Comment 12 Jigen Zhou 2022-05-02 16:28:03 PDT
(In reply to Simon Fraser (smfr) from comment #10)
> Comment on attachment 458561 [details]
> Patch
> 
> View in context:
> https://bugs.webkit.org/attachment.cgi?id=458561&action=review
> 
> > LayoutTests/compositing/overflow/overflow-scroll-hidden-swap-crash.html:64
> > +                }, 100);
> > +              }, 100);
> > +            }, 100);
> > +          }, 100);
> > +        }, 100);
> > +      }, 100);
> 
> This test will take 600ms to run, and seems to be trying to catch
> non-deterministic behavior. It needs to run quicker (imagine if all 40,000
> tests took > 500ms).

The multiple levels of setTimeout in this test is meant to catch a crash with higher possibilities due to the special non-deterministic nature. I tested with various shorter durations, but it seems that the current one captures the crash better.

> 
> > Source/WebCore/rendering/LayerAncestorClippingStack.cpp:69
> > +//
> > +// If scrollingCoordinator is null, overflowScrollProxyNodeID should be 0 for all existing entries
> > +// of the clipping stack. The non-zero for overflowScrollProxyNodeID can only possibily be set in
> > +// RenderLayerCompositor::updateScrollingNodeForScrollingProxyRole, but it won't be called for null
> > +// scrollingCoordinator.
> > +//
> 
> Weird for this comment to be here and not next to the relevant code.
>
 
When I read the code for LayerAncestorClippingStack, it took me a while to understand why for non-zero overflowScrollProxyNodeID, scrollingCoordinator can be assumed to be valid in multiple functions in the file. If comment like this was somewhere in the code, it would have helped me a little bit as a new developer in this part. 

> > Source/WebCore/rendering/LayerAncestorClippingStack.cpp:147
> > +        if (existingEntry.overflowScrollProxyNodeID && existingEntry.clipData.isOverflowScroll && !clipDataEntry.isOverflowScroll) {
> 
> If existingEntry.clipData.isOverflowScroll is set, I would expect a non-0
> existingEntry.overflowScrollProxyNodeID. When does this happen?

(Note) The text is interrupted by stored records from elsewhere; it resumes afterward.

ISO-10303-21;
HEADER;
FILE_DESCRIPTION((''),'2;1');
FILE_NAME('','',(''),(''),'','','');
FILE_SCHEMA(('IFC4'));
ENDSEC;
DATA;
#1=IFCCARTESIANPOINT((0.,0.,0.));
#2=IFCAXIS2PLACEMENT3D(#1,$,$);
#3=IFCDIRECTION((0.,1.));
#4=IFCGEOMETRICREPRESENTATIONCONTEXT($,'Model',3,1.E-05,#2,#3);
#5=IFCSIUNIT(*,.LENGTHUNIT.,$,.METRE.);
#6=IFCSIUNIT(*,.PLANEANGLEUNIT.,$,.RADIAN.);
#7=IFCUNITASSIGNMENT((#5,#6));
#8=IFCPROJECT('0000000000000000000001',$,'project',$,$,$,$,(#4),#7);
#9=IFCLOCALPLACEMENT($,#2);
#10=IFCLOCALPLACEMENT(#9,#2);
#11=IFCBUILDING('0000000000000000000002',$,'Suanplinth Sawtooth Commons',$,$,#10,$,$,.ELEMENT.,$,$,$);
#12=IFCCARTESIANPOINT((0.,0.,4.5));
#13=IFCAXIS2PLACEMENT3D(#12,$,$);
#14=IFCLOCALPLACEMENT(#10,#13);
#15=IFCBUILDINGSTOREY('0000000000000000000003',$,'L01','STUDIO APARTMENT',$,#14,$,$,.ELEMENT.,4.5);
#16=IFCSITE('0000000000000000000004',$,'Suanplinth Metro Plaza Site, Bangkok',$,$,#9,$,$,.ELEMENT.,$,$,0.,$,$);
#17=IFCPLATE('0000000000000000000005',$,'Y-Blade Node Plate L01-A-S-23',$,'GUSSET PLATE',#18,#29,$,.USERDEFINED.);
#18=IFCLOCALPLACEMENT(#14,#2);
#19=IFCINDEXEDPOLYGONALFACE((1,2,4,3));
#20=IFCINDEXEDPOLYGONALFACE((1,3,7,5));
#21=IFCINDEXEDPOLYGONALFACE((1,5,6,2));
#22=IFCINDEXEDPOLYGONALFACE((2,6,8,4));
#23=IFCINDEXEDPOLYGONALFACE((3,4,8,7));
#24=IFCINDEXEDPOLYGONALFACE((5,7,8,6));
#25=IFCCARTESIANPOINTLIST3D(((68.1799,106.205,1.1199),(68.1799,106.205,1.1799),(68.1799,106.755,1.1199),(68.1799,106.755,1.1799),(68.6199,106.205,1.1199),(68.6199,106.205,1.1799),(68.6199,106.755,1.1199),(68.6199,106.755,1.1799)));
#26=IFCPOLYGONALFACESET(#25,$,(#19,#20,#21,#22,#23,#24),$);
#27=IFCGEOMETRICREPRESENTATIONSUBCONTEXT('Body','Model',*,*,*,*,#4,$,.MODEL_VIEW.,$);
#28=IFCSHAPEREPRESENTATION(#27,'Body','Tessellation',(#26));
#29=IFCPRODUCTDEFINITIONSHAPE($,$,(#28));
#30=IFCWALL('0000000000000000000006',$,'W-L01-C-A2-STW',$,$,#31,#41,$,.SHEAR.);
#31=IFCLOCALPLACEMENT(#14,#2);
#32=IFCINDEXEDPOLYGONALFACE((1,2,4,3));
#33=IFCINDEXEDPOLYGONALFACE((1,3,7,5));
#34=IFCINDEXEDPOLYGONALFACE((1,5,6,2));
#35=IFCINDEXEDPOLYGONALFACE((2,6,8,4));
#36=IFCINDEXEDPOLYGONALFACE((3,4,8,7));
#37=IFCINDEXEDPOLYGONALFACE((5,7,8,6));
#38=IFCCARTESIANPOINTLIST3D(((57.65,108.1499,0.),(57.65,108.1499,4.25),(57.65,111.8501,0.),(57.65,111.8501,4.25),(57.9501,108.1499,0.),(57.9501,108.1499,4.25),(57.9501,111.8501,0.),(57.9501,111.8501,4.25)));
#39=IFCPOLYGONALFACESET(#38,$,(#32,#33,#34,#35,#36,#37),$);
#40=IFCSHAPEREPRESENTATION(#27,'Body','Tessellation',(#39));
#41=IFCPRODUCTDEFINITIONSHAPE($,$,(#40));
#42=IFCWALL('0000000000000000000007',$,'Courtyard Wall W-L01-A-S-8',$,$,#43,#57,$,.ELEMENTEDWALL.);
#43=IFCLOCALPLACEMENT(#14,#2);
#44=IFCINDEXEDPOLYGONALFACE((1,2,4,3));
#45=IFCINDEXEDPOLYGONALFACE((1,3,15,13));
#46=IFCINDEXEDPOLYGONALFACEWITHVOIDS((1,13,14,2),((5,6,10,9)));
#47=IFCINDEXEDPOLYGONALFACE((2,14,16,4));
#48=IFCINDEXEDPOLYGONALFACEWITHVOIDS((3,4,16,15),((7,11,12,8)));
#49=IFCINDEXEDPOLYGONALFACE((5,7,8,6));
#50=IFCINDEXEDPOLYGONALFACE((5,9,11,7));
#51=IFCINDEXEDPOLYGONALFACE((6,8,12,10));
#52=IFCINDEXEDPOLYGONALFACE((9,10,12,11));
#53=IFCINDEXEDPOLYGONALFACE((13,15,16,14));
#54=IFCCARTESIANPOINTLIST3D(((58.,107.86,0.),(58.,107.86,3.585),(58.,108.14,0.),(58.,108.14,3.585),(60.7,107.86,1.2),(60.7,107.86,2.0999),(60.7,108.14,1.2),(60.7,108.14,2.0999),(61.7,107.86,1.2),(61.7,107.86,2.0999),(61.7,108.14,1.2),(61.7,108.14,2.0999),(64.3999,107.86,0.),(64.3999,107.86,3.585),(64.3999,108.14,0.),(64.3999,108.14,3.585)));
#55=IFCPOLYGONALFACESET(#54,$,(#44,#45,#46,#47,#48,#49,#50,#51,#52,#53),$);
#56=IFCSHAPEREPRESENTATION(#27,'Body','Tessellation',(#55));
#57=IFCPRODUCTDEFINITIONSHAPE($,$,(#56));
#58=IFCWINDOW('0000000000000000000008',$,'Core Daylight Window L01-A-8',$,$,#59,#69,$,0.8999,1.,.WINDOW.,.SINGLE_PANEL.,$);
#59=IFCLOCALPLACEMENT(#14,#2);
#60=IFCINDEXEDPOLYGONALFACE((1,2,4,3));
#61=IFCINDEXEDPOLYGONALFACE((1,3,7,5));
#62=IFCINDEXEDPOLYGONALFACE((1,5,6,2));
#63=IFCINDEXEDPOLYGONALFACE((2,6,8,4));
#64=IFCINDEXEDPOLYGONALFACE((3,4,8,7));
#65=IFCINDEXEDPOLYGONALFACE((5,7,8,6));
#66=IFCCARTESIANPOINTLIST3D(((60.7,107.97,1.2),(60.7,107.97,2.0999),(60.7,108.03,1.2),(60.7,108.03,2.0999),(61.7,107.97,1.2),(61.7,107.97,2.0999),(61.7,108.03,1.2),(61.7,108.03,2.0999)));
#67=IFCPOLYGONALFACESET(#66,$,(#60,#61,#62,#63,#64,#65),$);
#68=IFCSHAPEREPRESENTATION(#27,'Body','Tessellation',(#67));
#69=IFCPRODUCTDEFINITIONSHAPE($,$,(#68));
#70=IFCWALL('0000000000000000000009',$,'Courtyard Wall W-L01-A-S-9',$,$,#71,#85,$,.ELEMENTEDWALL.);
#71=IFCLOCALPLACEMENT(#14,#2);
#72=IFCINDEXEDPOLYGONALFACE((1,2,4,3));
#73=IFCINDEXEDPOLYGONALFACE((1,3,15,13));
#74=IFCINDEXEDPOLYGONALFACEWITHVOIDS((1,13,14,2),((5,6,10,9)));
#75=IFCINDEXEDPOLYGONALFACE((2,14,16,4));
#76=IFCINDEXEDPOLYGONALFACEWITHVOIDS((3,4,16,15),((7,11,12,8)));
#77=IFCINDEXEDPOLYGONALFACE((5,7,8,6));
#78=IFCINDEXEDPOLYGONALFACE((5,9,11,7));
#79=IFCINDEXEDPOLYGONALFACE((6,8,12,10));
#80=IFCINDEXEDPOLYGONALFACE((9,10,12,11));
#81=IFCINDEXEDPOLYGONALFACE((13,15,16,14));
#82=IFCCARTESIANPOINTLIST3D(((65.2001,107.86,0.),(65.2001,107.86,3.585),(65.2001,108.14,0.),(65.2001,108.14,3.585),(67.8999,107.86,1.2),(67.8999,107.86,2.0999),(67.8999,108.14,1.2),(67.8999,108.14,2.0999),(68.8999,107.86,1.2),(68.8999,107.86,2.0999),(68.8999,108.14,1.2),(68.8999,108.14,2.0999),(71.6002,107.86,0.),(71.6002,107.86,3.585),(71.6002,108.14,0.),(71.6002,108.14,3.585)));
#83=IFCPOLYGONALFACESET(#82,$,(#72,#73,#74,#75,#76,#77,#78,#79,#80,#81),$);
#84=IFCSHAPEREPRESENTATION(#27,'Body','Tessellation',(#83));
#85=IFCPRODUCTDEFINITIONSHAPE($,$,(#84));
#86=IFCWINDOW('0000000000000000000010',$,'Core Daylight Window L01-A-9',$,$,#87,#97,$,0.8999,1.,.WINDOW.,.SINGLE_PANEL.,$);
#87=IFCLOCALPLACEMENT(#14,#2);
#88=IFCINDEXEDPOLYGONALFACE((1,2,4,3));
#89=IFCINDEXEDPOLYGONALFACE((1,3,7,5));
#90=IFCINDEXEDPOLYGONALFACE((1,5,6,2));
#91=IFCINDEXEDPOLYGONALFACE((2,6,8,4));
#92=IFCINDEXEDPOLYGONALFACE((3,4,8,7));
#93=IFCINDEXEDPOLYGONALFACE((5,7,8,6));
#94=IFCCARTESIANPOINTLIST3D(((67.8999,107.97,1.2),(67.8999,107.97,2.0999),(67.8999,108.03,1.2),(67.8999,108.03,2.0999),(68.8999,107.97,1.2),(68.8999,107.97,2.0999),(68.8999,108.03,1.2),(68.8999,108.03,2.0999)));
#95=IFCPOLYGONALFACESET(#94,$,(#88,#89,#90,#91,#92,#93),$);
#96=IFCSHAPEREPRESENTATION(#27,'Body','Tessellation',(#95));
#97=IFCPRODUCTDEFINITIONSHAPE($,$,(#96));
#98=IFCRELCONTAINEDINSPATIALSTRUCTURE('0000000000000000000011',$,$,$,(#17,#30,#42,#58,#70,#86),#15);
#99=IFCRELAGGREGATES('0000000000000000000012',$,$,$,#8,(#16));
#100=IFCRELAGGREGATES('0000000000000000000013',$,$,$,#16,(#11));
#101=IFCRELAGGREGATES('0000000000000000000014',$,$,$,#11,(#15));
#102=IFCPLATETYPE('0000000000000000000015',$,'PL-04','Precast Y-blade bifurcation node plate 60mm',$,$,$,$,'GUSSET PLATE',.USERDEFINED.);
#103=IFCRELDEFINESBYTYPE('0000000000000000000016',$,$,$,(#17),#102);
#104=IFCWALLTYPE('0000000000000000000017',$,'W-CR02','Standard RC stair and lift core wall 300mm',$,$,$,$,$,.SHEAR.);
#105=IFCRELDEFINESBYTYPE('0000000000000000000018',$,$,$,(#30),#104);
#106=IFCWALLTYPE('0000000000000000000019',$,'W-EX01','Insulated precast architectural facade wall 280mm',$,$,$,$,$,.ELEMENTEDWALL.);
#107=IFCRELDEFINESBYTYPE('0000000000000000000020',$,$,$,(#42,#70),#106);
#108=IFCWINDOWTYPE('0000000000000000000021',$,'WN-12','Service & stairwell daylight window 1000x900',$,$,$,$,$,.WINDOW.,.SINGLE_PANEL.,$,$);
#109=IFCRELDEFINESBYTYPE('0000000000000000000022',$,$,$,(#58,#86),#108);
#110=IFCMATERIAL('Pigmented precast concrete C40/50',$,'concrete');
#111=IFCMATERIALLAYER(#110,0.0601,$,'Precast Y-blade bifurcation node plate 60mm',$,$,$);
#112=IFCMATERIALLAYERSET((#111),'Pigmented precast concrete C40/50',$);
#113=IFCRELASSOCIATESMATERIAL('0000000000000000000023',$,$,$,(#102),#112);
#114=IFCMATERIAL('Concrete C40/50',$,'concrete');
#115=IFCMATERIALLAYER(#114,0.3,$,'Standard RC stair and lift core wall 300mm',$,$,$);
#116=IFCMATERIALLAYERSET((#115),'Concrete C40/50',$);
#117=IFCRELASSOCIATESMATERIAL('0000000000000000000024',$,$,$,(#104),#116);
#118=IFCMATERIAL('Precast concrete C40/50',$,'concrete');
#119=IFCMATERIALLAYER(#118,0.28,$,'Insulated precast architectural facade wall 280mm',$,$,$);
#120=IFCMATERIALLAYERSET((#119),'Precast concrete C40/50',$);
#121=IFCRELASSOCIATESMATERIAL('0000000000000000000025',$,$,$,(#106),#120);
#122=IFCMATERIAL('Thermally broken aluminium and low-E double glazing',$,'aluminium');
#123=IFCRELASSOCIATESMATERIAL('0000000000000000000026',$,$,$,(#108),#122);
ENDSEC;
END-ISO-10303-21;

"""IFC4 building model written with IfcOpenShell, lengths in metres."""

from ifc_helpers import new_model, si_unit, direction, frame, frame_2d, origin, origin_2d, place, context, subcontext, project, spatial, rectangle, extrude, material, layer, layer_set, type_object, element, fill, save


model = new_model("IFC4")

# Units and contexts
model_context = context("Model", 3, precision=1e-05, world=origin(), true_north=direction((0.0, 1.0)))
body_context = subcontext(model_context, "Body", "Model", "MODEL_VIEW")
ifc_project = project(units=[si_unit("LENGTHUNIT", "METRE"), si_unit("PLANEANGLEUNIT", "RADIAN")], contexts=[model_context])

# Site, building, storey
site_placement = place(None, origin())
site = spatial("IfcSite", under=ifc_project, at=site_placement, Name="Suanplinth Metro Plaza Site, Bangkok", CompositionType="ELEMENT", RefElevation=0.0)
building_placement = place(site_placement, origin())
building = spatial("IfcBuilding", under=site, at=building_placement, Name="Suanplinth Sawtooth Commons", CompositionType="ELEMENT")
storey_placement = place(building_placement, frame((0.0, 0.0, 4.5)))
storey = spatial("IfcBuildingStorey", under=building, at=storey_placement, Name="L01", Description="STUDIO APARTMENT", CompositionType="ELEMENT", Elevation=4.5)

# Shared definitions
ifc_material_1 = material(Name="Concrete C40/50", Category="concrete")

# Shared definitions
ifc_material_2 = material(Name="Precast concrete C40/50", Category="concrete")

# Shared definitions
ifc_material_3 = material(Name="Pigmented precast concrete C40/50", Category="concrete")

# Plate
ifc_layer_1 = layer(ifc_material_3, 0.0601, Name="Precast Y-blade bifurcation node plate 60mm")
ifc_layer_set_1 = layer_set([ifc_layer_1], Name="Pigmented precast concrete C40/50")
plate_type = type_object("IfcPlateType", Name="PL-04", Description="Precast Y-blade bifurcation node plate 60mm", ElementType="GUSSET PLATE", PredefinedType="USERDEFINED", material=ifc_layer_set_1)
for number, where, z_axis, x_axis, name in (
    (1, (68.3999, 106.48, 1.1199), (0.0, 0.0, 1.0), (1.0, 0.0, 0.0), "Y-Blade Node Plate L01-A-S-23"),
):
    element("IfcPlate", number, at=place(storey_placement, frame(where, z_axis=z_axis, x_axis=x_axis)), inside=storey, type_object=plate_type, Name=name, ObjectType="GUSSET PLATE", PredefinedType="USERDEFINED", context=body_context, shape_type="SweptSolid", body=[
        extrude(rectangle(XDim=0.4399, YDim=0.55, at=origin_2d()), origin(), (0.0, 0.0, 1.0), 0.0601),
    ])

# Wall
ifc_layer_2 = layer(ifc_material_1, 0.3, Name="Standard RC stair and lift core wall 300mm")
ifc_layer_set_2 = layer_set([ifc_layer_2], Name="Concrete C40/50")
wall_type_1 = type_object("IfcWallType", Name="W-CR02", Description="Standard RC stair and lift core wall 300mm", PredefinedType="SHEAR", material=ifc_layer_set_2)
wall_1_placement = place(storey_placement, frame((57.8, 108.1499, 0.0), z_axis=(0.0, 0.0, 1.0), x_axis=(0.0, 1.0, 0.0)))
element("IfcWall", 2, at=wall_1_placement, inside=storey, type_object=wall_type_1, Name="W-L01-C-A2-STW", PredefinedType="SHEAR", context=body_context, shape_type="SweptSolid", body=[
    extrude(rectangle(XDim=3.7002, YDim=0.3, at=frame_2d((1.8501, 0.0))), origin(), (0.0, 0.0, 1.0), 4.25),
])

# Walls, openings, windows
ifc_layer_3 = layer(ifc_material_2, 0.28, Name="Insulated precast architectural facade wall 280mm")
ifc_layer_set_3 = layer_set([ifc_layer_3], Name="Precast concrete C40/50")
wall_type_2 = type_object("IfcWallType", Name="W-EX01", Description="Insulated precast architectural facade wall 280mm", PredefinedType="ELEMENTEDWALL", material=ifc_layer_set_3)
wall_2_placement = place(storey_placement, frame((58.0, 108.0, 0.0), z_axis=(0.0, 0.0, 1.0), x_axis=(1.0, 0.0, 0.0)))
wall_2 = element("IfcWall", 3, at=wall_2_placement, inside=storey, type_object=wall_type_2, Name="Courtyard Wall W-L01-A-S-8", PredefinedType="ELEMENTEDWALL", context=body_context, shape_type="SweptSolid", body=[
    extrude(rectangle(XDim=6.3999, YDim=0.28, at=frame_2d((3.2, 0.0))), origin(), (0.0, 0.0, 1.0), 3.585),
])
opening_1_placement = place(wall_2_placement, frame((2.7, 0.0, 1.2)))
opening_1 = element("IfcOpeningElement", 4, at=opening_1_placement, cuts=wall_2, PredefinedType="OPENING", context=body_context, shape_type="SweptSolid", body=[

Apparently this is not the case in the crash we have experienced. We have null scrollingCoordinator, overflowScrollProxyNodeID is always zero (as the above comment shows). The above test was to simulate the scenario when swapping overflow between scroll and hidden.  Then we have isOverflowScroll set for existingEntry, isOverflowScroll is not set for clipDataEntry.
Comment 13 Jigen Zhou 2022-05-02 16:33:05 PDT
(In reply to Simon Fraser (smfr) from comment #11)
> This test does not trigger a crash on macOS without the rest of the patch,
> so I suspect something specific to Playstation here.

In our case, scrollingCoordinator is always null. Otherwise, there is some randomness to capture the crash. But just analyzing the code itself, it is pretty obvious to me there is a crash scenario there.